En 1979, l’Angleterre était punk, la Première ministre encore pire. Margaret Thatcher, fille d’épicier, aurait pu devenir l’égérie du féminisme, mais que les choix de carrière ont finalement transformée en Dame de fer.

Elle est sans aucun doute à la fois la femme la plus détestée et la plus admirée du XXe siècle. Voici l’histoire de Margaret Thatcher, une fille d’épicier dont l’ascension sociale fulgurante aurait pu en faire l’égérie du féminisme, mais que les choix de carrière ont finalement transformée en Dame de fer.

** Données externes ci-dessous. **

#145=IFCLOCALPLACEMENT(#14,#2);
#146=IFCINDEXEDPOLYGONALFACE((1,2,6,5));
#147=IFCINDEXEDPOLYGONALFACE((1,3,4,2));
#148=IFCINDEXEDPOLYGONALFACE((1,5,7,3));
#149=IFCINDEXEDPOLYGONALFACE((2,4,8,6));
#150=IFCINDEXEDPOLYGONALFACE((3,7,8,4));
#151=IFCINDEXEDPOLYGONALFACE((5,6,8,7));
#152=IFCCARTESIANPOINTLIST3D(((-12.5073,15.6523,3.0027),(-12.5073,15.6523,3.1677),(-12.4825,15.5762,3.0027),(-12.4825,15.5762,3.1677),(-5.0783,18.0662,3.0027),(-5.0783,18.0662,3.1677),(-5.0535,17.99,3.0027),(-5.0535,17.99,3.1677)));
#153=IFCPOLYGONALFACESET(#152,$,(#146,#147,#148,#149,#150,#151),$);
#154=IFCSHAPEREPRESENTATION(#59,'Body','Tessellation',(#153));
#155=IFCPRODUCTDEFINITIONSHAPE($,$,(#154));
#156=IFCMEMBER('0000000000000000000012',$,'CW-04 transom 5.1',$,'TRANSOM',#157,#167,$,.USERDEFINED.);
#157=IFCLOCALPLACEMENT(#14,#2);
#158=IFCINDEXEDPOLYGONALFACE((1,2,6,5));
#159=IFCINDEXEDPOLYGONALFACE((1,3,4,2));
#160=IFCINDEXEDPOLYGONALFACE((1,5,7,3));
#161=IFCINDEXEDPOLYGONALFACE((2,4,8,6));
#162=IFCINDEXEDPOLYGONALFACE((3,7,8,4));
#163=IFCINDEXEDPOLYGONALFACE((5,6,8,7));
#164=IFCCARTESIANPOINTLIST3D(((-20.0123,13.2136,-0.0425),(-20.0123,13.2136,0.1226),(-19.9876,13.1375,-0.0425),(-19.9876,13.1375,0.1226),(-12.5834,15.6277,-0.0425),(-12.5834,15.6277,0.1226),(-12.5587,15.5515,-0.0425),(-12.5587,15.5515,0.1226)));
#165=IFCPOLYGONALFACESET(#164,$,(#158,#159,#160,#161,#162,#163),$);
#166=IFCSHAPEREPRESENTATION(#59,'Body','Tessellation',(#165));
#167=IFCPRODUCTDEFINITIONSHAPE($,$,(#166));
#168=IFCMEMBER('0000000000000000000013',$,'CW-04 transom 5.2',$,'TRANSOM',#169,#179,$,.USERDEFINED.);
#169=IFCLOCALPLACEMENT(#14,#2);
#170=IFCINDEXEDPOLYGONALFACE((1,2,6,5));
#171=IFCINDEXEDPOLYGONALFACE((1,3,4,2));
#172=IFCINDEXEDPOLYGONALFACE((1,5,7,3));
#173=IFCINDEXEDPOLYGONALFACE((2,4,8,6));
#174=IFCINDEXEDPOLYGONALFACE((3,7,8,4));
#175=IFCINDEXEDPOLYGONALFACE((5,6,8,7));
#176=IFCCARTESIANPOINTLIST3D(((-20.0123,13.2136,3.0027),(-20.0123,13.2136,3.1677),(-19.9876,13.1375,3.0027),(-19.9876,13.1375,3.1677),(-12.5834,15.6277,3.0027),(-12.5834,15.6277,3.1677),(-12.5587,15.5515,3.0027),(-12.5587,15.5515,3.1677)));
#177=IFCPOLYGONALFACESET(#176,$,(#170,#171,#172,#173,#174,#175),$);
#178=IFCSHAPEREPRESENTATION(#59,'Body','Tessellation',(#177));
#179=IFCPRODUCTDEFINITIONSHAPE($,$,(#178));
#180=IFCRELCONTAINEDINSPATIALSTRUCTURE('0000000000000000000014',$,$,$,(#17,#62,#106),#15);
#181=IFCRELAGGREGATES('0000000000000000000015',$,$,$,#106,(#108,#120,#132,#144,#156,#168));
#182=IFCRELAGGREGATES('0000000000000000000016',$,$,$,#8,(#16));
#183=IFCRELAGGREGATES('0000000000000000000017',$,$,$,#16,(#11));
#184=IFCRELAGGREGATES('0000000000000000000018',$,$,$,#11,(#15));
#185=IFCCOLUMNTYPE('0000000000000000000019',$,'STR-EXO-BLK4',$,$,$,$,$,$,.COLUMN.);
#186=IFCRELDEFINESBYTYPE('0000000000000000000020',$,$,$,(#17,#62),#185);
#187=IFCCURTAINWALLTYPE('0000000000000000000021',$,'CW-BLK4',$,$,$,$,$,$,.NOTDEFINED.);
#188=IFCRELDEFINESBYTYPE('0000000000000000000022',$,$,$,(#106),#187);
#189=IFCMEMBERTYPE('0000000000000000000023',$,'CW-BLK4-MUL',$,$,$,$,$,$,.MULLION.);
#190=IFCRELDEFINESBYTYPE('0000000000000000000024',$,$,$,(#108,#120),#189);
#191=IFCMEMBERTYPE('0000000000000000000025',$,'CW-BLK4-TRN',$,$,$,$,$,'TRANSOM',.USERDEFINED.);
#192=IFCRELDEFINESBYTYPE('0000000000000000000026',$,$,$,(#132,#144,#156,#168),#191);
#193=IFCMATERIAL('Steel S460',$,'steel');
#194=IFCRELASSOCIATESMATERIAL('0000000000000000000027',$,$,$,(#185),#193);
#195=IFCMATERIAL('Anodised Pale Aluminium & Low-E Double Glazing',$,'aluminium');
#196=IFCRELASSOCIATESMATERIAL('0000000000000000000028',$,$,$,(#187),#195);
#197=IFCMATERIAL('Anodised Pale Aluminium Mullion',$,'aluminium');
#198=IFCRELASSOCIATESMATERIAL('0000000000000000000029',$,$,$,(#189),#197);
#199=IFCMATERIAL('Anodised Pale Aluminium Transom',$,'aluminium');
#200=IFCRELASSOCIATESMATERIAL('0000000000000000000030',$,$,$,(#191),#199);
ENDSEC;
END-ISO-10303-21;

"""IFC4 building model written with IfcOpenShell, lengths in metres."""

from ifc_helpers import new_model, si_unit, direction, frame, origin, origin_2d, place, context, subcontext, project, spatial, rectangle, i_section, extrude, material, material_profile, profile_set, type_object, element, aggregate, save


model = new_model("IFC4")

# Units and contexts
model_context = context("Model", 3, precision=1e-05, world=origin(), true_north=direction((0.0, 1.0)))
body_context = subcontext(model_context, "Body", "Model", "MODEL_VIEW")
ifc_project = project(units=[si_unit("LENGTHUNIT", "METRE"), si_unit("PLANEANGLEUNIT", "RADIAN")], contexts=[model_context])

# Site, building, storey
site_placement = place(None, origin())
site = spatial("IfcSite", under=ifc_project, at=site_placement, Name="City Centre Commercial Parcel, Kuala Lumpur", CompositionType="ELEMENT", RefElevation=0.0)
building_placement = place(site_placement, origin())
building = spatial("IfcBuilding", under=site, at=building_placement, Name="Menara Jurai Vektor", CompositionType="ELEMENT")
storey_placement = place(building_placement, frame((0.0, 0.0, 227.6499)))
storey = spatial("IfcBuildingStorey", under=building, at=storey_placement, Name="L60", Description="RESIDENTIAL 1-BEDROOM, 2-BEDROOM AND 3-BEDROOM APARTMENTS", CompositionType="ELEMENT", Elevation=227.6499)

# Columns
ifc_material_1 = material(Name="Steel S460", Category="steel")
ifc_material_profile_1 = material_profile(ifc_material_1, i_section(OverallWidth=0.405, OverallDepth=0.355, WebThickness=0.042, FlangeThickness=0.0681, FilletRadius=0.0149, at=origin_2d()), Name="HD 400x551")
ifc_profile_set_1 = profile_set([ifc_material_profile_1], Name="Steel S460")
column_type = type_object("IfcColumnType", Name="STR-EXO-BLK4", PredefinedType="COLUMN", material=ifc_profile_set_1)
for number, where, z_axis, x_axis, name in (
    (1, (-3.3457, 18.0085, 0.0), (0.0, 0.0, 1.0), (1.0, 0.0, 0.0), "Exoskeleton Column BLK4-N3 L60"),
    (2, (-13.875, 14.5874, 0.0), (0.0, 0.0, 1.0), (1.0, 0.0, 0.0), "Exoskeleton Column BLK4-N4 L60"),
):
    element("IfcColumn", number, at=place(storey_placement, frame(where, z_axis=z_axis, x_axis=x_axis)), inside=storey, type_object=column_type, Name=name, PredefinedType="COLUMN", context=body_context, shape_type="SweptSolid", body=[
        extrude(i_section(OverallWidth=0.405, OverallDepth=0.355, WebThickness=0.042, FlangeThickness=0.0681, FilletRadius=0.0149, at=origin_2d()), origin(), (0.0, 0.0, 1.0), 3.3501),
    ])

Dans la continuité de l’album Le Crétin qui a gagné la guerre froide, ce portrait acide et documenté de l’ancienne Première ministre britannique est aussi la chronique d’une révolution libérale qui a considérablement bouleversé la face du monde dans les années 1980. On découvre sa famille et comment ses choix l’ont bouleversée.

Margaret Thatcher, ce n’est pas seulement une carrière politique : c’est également une véritable vision idéologique et une détermination à toute épreuve. Réduction de l’influence de l’État, privatisations à la pelle, dérégulation, casse des syndicats, intransigeance absolue dans les luttes sociales, euroscepticisme.
Margaret Thatcher assume toute forme de brutalité quand c’est au nom de l’efficacité économique. Un album de qualité qui plonge le lecteur dans cette Angleterre punk qui va voir arriver à sa tête une femme austère qui représente pourtant le peuple en venant d’une famille d’ouvriers.
Cette BD montre bien la relation entre les Etats-Unis d’alors et l’Angleterre, notamment la relation étroite entre le président Ronald Reagan et Margaret Thatcher. L’auteur explique : « Reagan avait appelé Thatcher « the best man in England ». Ils ont vécu une lune de miel spirituelle.»
Cet album est aussi très drôle. « En utilisant l’humour tout en respectant l’Histoire, nous avons cherché à désacraliser les grands personnages. Nous les montrons dans leur nudité : des femmes et des hommes mus par leur ego. C’est une façon de briser le vernis politique, de passer de l’autre côté du miroir pour voir la vérité des personnages. »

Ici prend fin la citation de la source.